Ma’ruf Cawapres, Pendiri Seword.com Istirahat Dari Relawan Jokowi

504
Pemimpin seword.com Alifurrahman (Foto: Facebook Alifurrahman S Asyari)

BENANKMERAH.CO, JAKARTA – Pendiri sekaligus pemimpin seword.com Alifurrahman menyatakan istirahat dari relawan Jokowi, hal ini merupakan reaksi terpilihnya KH. Ma’ruf Amin sebagai cawapres Joko Widodo untuk pilpres 2019.

Menurutnya, Maruf Amin merupakan sosok yang mengeluarkan fatwa Ahok penista agama, dan yang menjadi saksi memberatkan Ahok di persidangan.

Melansir seword.com, Sabtu (11/8/2018), berikut kutipan pernyataan Alifurrahman: 

Saat drama politik terjadi, Mahfud MD batal ditetapkan sebagai Cawapres dan malah terpilih Maruf Amin, ada beragam emosi yang menyeruak di kepala saya.

Bagaimana tidak, kita yang selama ini mengedepankan, menolak politik SARA, harus menerima seorang Maruf Amin, Ketua MUI yang tahun lalu berkat fatwanya negeri ini diambang kericuhan. Demo fatwa berjilid-jilid mengawal MUI demi memenjarakan Ahok.

Bagi saya pribadi, ini bukan soal Ahoknya, tapi tentang radikalisme dan arogansi bulat. Yang suka-olah punya kekuatan dan bisa melakukan apa saja di negara kita.

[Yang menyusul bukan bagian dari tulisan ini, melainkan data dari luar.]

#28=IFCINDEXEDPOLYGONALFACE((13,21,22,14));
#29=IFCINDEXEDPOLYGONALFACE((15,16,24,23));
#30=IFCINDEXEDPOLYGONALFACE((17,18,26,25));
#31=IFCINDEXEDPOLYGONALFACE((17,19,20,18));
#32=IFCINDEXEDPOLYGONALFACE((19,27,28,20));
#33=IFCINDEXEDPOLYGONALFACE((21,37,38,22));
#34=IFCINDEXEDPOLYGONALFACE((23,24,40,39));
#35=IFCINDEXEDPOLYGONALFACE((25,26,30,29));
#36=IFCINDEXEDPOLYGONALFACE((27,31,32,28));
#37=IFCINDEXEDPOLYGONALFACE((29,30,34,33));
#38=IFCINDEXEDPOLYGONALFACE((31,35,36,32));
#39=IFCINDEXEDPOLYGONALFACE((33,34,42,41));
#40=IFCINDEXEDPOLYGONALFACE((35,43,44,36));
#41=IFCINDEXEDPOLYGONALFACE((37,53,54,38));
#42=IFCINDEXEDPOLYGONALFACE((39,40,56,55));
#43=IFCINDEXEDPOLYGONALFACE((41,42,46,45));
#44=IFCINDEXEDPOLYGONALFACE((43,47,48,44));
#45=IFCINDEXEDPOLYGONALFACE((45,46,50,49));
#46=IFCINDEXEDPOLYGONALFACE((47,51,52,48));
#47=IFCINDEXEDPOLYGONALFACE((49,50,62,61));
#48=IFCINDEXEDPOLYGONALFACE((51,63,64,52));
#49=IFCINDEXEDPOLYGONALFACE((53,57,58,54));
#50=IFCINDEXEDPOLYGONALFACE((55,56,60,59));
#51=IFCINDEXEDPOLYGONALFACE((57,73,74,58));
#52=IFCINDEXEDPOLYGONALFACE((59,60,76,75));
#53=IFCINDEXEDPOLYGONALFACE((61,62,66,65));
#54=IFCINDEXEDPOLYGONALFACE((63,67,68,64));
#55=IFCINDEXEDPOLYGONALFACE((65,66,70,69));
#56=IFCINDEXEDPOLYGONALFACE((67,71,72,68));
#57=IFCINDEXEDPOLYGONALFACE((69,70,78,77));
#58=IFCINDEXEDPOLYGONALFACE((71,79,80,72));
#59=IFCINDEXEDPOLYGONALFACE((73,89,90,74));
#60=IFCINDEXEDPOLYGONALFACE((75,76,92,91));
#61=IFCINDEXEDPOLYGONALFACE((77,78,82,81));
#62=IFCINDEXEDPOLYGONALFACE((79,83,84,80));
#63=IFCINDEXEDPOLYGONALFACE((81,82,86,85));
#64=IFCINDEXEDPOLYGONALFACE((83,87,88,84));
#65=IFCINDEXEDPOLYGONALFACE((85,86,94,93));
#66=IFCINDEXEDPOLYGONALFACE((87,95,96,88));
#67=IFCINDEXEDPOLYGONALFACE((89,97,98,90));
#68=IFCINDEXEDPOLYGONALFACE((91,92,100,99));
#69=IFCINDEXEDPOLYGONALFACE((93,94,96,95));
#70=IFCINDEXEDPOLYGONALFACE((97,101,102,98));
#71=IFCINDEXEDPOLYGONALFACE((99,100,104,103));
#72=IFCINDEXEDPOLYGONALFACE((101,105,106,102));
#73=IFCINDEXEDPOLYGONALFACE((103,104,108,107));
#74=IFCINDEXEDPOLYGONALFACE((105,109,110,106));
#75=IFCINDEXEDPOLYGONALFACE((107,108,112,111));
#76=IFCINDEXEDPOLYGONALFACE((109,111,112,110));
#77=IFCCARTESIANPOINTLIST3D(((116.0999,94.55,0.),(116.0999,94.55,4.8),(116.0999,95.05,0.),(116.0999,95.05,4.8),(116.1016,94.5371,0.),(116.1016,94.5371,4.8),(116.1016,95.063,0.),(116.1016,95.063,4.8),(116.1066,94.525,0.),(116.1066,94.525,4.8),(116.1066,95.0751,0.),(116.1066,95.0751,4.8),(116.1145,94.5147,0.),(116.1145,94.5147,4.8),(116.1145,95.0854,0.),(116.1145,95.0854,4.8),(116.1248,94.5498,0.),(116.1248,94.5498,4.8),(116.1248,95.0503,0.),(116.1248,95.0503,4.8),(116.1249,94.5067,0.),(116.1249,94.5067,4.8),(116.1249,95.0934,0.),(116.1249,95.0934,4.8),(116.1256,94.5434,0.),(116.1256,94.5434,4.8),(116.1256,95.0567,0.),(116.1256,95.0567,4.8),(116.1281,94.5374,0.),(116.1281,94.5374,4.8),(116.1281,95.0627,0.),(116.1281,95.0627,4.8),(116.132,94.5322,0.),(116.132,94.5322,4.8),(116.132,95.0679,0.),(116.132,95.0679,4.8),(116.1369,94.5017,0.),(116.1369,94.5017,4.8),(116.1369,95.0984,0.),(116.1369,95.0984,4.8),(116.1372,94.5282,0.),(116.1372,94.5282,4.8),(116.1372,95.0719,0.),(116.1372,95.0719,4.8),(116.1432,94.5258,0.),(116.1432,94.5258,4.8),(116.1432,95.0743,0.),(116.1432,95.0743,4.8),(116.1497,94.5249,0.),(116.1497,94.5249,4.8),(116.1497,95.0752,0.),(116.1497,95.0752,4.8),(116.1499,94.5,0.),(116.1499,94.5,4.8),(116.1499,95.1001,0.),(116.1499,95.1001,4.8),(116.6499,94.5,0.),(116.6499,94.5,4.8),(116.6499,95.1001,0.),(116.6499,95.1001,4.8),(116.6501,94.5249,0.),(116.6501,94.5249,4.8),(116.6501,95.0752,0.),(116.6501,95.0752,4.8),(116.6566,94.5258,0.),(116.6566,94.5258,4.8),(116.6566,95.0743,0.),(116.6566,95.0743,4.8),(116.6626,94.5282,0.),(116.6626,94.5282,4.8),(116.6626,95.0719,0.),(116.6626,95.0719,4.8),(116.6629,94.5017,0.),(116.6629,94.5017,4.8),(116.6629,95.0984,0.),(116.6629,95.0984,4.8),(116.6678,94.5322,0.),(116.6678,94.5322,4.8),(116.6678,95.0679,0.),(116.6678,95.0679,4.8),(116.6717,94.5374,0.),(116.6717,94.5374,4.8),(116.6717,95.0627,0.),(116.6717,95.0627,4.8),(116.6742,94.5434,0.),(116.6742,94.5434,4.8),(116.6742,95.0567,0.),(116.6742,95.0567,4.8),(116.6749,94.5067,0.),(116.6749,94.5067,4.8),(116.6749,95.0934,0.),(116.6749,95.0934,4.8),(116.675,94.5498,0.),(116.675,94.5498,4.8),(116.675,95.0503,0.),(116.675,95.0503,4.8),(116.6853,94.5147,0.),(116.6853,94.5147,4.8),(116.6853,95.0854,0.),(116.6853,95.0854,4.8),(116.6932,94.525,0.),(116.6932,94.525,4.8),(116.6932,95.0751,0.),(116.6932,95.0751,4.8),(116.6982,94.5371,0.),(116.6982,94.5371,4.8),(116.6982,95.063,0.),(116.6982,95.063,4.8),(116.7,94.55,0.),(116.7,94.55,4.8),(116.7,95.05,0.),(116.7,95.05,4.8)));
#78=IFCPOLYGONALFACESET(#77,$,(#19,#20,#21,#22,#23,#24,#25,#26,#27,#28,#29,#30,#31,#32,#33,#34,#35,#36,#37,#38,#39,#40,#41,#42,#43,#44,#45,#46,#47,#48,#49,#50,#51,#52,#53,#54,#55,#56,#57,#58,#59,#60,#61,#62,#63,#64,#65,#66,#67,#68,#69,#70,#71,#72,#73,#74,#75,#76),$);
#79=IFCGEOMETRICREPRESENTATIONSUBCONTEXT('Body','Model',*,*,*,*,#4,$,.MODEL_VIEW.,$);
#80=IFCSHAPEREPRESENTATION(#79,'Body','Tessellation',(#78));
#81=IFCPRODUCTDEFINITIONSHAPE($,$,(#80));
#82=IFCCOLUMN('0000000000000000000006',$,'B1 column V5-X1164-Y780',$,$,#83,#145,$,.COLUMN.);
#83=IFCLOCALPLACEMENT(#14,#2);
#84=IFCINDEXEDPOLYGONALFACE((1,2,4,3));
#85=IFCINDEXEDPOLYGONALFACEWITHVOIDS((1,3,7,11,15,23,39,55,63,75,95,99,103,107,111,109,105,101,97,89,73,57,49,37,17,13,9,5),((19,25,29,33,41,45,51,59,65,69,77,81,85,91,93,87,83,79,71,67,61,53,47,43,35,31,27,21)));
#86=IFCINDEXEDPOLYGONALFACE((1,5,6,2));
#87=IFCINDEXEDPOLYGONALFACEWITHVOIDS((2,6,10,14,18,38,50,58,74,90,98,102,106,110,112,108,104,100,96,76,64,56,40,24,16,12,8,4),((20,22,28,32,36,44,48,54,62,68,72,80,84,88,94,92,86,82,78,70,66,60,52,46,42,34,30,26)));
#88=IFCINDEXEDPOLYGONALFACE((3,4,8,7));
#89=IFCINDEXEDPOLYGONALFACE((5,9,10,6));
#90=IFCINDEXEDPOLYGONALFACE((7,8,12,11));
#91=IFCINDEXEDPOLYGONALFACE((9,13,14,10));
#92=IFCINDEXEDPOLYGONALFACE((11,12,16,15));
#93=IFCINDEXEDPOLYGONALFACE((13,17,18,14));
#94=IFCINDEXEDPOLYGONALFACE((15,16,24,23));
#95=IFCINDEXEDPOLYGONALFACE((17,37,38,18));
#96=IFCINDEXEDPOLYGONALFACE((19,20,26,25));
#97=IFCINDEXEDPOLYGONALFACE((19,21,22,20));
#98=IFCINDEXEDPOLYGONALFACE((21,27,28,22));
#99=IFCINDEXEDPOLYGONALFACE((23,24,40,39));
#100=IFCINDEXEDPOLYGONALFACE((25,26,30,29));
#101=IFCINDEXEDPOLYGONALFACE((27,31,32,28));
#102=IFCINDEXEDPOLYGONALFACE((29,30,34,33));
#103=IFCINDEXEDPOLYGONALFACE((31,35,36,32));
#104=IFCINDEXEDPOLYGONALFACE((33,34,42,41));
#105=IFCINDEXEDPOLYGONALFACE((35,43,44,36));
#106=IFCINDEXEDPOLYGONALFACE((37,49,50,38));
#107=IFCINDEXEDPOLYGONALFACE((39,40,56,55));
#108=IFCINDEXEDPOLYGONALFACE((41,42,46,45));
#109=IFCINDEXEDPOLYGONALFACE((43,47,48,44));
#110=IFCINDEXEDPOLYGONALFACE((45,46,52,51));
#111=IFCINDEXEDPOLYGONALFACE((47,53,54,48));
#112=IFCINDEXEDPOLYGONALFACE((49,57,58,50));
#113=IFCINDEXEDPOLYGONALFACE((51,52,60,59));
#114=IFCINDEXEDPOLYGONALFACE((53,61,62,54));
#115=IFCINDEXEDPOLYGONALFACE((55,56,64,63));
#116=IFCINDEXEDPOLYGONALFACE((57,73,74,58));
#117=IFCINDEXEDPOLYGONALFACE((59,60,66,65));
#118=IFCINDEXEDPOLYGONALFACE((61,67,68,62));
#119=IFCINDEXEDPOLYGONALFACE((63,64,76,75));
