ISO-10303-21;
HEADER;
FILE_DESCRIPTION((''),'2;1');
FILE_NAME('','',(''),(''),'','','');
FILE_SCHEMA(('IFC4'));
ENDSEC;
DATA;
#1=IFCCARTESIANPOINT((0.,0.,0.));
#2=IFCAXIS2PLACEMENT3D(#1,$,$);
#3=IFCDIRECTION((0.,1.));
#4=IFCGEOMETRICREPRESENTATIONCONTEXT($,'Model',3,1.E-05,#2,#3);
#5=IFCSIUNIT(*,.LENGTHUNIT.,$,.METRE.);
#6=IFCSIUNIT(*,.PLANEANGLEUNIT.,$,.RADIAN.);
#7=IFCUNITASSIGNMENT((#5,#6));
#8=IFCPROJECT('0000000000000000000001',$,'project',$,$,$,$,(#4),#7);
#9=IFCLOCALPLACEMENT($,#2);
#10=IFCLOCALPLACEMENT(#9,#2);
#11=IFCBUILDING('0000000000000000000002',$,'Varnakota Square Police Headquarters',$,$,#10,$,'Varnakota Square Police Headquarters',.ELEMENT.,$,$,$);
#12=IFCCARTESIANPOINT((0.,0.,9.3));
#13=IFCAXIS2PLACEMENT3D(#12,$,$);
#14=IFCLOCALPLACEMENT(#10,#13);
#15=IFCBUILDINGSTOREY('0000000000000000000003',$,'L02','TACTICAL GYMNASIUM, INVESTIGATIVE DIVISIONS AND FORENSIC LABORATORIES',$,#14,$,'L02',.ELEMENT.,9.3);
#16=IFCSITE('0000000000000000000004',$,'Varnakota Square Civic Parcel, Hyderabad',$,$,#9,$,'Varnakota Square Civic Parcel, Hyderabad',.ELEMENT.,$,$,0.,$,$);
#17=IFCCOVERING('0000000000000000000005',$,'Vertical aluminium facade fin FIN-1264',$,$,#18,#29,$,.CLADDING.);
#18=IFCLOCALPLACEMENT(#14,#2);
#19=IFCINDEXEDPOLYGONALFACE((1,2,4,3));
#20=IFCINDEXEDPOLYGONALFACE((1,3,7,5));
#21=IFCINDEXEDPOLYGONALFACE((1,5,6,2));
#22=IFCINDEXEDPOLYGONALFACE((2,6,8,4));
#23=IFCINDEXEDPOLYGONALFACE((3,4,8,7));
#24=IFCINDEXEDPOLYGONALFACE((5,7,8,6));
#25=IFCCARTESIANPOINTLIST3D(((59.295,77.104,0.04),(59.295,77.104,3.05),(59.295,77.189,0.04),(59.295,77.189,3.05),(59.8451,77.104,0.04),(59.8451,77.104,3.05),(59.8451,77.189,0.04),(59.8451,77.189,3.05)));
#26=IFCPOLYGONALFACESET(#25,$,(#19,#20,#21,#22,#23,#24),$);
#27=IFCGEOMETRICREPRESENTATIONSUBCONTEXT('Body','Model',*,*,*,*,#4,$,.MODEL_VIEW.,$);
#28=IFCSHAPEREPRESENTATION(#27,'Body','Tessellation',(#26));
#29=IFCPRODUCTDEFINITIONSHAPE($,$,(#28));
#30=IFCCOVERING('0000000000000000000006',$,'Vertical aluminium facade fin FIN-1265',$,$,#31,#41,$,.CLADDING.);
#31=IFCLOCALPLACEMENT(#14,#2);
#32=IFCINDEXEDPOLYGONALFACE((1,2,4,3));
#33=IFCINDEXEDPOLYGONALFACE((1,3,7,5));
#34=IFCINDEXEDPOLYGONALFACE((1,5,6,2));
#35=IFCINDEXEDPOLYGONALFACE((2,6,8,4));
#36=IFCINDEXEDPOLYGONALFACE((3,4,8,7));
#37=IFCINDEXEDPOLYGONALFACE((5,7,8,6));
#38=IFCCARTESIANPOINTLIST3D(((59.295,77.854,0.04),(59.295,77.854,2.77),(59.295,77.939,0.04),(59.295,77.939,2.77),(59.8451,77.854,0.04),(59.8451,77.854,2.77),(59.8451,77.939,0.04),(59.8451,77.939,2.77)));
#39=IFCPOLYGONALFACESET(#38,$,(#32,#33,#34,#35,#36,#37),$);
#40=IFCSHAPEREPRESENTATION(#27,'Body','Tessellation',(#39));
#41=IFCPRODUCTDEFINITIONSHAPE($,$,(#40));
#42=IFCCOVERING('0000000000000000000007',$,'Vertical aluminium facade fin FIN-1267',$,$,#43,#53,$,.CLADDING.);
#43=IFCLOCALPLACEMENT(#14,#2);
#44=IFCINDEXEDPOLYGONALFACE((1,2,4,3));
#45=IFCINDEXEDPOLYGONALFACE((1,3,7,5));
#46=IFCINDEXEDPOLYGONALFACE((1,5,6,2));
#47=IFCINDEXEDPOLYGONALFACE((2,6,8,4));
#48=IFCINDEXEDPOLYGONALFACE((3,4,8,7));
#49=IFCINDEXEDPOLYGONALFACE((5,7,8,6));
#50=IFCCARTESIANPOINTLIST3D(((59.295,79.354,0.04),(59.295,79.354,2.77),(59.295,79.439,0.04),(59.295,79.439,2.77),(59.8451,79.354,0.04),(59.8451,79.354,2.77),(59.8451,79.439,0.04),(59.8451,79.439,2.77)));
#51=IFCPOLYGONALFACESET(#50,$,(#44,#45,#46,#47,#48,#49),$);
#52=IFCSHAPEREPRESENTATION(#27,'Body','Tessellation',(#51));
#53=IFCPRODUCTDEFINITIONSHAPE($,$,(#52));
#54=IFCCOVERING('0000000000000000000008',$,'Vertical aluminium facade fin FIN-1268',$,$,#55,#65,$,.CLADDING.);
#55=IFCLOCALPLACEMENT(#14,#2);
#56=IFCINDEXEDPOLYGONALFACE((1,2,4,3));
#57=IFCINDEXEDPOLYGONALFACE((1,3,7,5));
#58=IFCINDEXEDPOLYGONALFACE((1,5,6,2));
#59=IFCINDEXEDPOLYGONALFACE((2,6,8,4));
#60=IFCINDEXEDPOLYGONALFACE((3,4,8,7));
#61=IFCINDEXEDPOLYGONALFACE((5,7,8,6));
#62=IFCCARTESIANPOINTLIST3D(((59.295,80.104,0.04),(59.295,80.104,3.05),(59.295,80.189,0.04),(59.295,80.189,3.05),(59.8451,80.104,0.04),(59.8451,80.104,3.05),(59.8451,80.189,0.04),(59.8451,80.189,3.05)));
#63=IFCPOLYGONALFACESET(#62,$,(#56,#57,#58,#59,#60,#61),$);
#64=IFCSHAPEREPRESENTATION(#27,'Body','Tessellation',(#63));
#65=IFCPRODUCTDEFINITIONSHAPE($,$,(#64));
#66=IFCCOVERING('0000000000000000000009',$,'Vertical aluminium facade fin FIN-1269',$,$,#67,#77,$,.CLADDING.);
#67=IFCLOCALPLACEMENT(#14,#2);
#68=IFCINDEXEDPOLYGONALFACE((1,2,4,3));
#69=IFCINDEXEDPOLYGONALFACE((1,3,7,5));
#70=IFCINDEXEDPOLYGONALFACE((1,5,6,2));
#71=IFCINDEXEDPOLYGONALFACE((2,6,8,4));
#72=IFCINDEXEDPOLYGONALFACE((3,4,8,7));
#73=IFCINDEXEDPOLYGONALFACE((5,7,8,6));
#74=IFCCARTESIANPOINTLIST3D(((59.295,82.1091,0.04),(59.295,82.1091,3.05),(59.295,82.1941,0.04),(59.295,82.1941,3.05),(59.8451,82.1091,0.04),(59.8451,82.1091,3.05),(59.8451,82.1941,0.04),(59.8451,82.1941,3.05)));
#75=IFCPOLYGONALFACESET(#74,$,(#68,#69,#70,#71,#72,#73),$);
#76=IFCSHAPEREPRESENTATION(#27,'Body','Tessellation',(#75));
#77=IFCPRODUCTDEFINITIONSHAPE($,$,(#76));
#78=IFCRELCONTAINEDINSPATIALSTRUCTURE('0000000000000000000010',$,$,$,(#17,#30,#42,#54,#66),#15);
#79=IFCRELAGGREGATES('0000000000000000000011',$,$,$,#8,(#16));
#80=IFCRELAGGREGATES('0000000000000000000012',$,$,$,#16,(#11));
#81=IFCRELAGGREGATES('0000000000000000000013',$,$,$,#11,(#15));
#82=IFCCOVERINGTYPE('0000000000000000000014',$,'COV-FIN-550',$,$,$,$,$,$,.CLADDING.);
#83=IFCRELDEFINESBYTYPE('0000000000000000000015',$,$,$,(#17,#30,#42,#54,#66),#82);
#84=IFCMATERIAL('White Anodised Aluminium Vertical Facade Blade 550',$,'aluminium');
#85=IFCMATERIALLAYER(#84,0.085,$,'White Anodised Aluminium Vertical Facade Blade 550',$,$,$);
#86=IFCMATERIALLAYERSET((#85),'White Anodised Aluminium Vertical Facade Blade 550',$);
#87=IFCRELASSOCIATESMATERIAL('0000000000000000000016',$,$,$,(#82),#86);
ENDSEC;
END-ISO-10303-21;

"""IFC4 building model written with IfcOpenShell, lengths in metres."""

from ifc_helpers import new_model, si_unit, direction, frame, origin, origin_2d, place, context, subcontext, project, spatial, rectangle, extrude, material, layer, layer_set, type_object, element, save


model = new_model("IFC4")

# Units and contexts
model_context = context("Model", 3, precision=1e-05, world=origin(), true_north=direction((0.0, 1.0)))
body_context = subcontext(model_context, "Body", "Model", "MODEL_VIEW")
ifc_project = project(units=[si_unit("LENGTHUNIT", "METRE"), si_unit("PLANEANGLEUNIT", "RADIAN")], contexts=[model_context])

# Site, building, storey
site_placement = place(None, origin())
site = spatial("IfcSite", under=ifc_project, at=site_placement, Name="Varnakota Square Civic Parcel, Hyderabad", LongName="Varnakota Square Civic Parcel, Hyderabad", CompositionType="ELEMENT", RefElevation=0.0)
building_placement = place(site_placement, origin())
building = spatial("IfcBuilding", under=site, at=building_placement, Name="Varnakota Square Police Headquarters", LongName="Varnakota Square Police Headquarters", CompositionType="ELEMENT")
storey_placement = place(building_placement, frame((0.0, 0.0, 9.3)))
storey = spatial("IfcBuildingStorey", under=building, at=storey_placement, Name="L02", Description="TACTICAL GYMNASIUM, INVESTIGATIVE DIVISIONS AND FORENSIC LABORATORIES", LongName="L02", CompositionType="ELEMENT", Elevation=9.3)

# Coverings
ifc_material_1 = material(Name="White Anodised Aluminium Vertical Facade Blade 550", Category="aluminium")
ifc_layer_1 = layer(ifc_material_1, 0.085, Name="White Anodised Aluminium Vertical Facade Blade 550")
ifc_layer_set_1 = layer_set([ifc_layer_1], Name="White Anodised Aluminium Vertical Facade Blade 550")
covering_type_1 = type_object("IfcCoveringType", Name="COV-FIN-550", PredefinedType="CLADDING", material=ifc_layer_set_1)
for number, where, z_axis, x_axis, name in (
    (1, (59.5701, 77.1465, 0.04), (0.0, 0.0, 1.0), (0.0, 1.0, 0.0), "Vertical aluminium facade fin FIN-1264"),
):
    element("IfcCovering", number, at=place(storey_placement, frame(where, z_axis=z_axis, x_axis=x_axis)), inside=storey, type_object=covering_type_1, Name=name, PredefinedType="CLADDING", context=body_context, shape_type="SweptSolid", body=[
        extrude(rectangle(XDim=0.085, YDim=0.55, at=origin_2d()), origin(), (0.0, 0.0, 1.0), 3.01),
    ])
for number, where, z_axis, x_axis, name in (
    (2, (59.5701, 77.8965, 0.04), (0.0, 0.0, 1.0), (0.0, 1.0, 0.0), "Vertical aluminium facade fin FIN-1265"),
    (3, (59.5701, 79.3965, 0.04), (0.0, 0.0, 1.0), (0.0, 1.0, 0.0), "Vertical aluminium facade fin FIN-1267"),
):
    element("IfcCovering", number, at=place(storey_placement, frame(where, z_axis=z_axis, x_axis=x_axis)), inside=storey, type_object=covering_type_1, Name=name, PredefinedType="CLADDING", context=body_context, shape_type="SweptSolid", body=[
        extrude(rectangle(XDim=0.085, YDim=0.55, at=origin_2d()), origin(), (0.0, 0.0, 1.0), 2.73),
    ])
for number, where, z_axis, x_axis, name in (
    (4, (59.5701, 80.1465, 0.04), (0.0, 0.0, 1.0), (0.0, 1.0, 0.0), "Vertical aluminium facade fin FIN-1268"),
    (5, (59.5701, 82.1516, 0.04), (0.0, 0.0, 1.0), (0.0, 1.0, 0.0), "Vertical aluminium facade fin FIN-1269"),
):
    element("IfcCovering", number, at=place(storey_placement, frame(where, z_axis=z_axis, x_axis=x_axis)), inside=storey, type_object=covering_type_1, Name=name, PredefinedType="CLADDING", context=body_context, shape_type="SweptSolid", body=[
        extrude(rectangle(XDim=0.085, YDim=0.55, at=origin_2d()), origin(), (0.0, 0.0, 1.0), 3.01),
    ])

save(model, "model.ifc")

Apa yang Anda pilih saya tersinggung tentang Ahok yang disinggung tentang kitab suci yang tidak diaisahkan? Iya tersinggung. Tapi kompilasi dengan diserbu, diserang oleh kelompok khilafah dan radikal, di situ saya memilih untuk berdiri di sampingnya.

Saya bisa tidak setuju beberapa sikap Ahok, tidak sependapat dengan kebijakan dan cara-cara komunikasinya, tetapi jika berhubungan dengan intimidasi dan politisasi agama, saya tahu kita tidak bisa melakukan hal yang terjadi dan menjadi bagian dari api yang mengobarkan permusuhan.

Kita harus berada di pihak Ahok sebagai penyeimbang dan counter.

Lalu semalam, kita harus menerima fakta luar biasa, Maruf Amin sebagai Cawapres Jokowi. Sosok yang mengeluarkan fatwa Ahok penista agama, sosok yang menjadi saksi memberatkan Ahok di persidangan.

Sekali lagi ini bukan soal Ahok, tapi tentang persaingan dan kebhinekaan, tentang Indonesia. 

Di saat inilah saya akan berpikir, mengambil dari perhelatan politik, istirahat dari relawan Jokowi. Sengaja tidak saya gunakan kata “mundur” karena mungkin saya akan kembali, atau karena memang saya ini menjadi relawan atas inisiatif sendiri.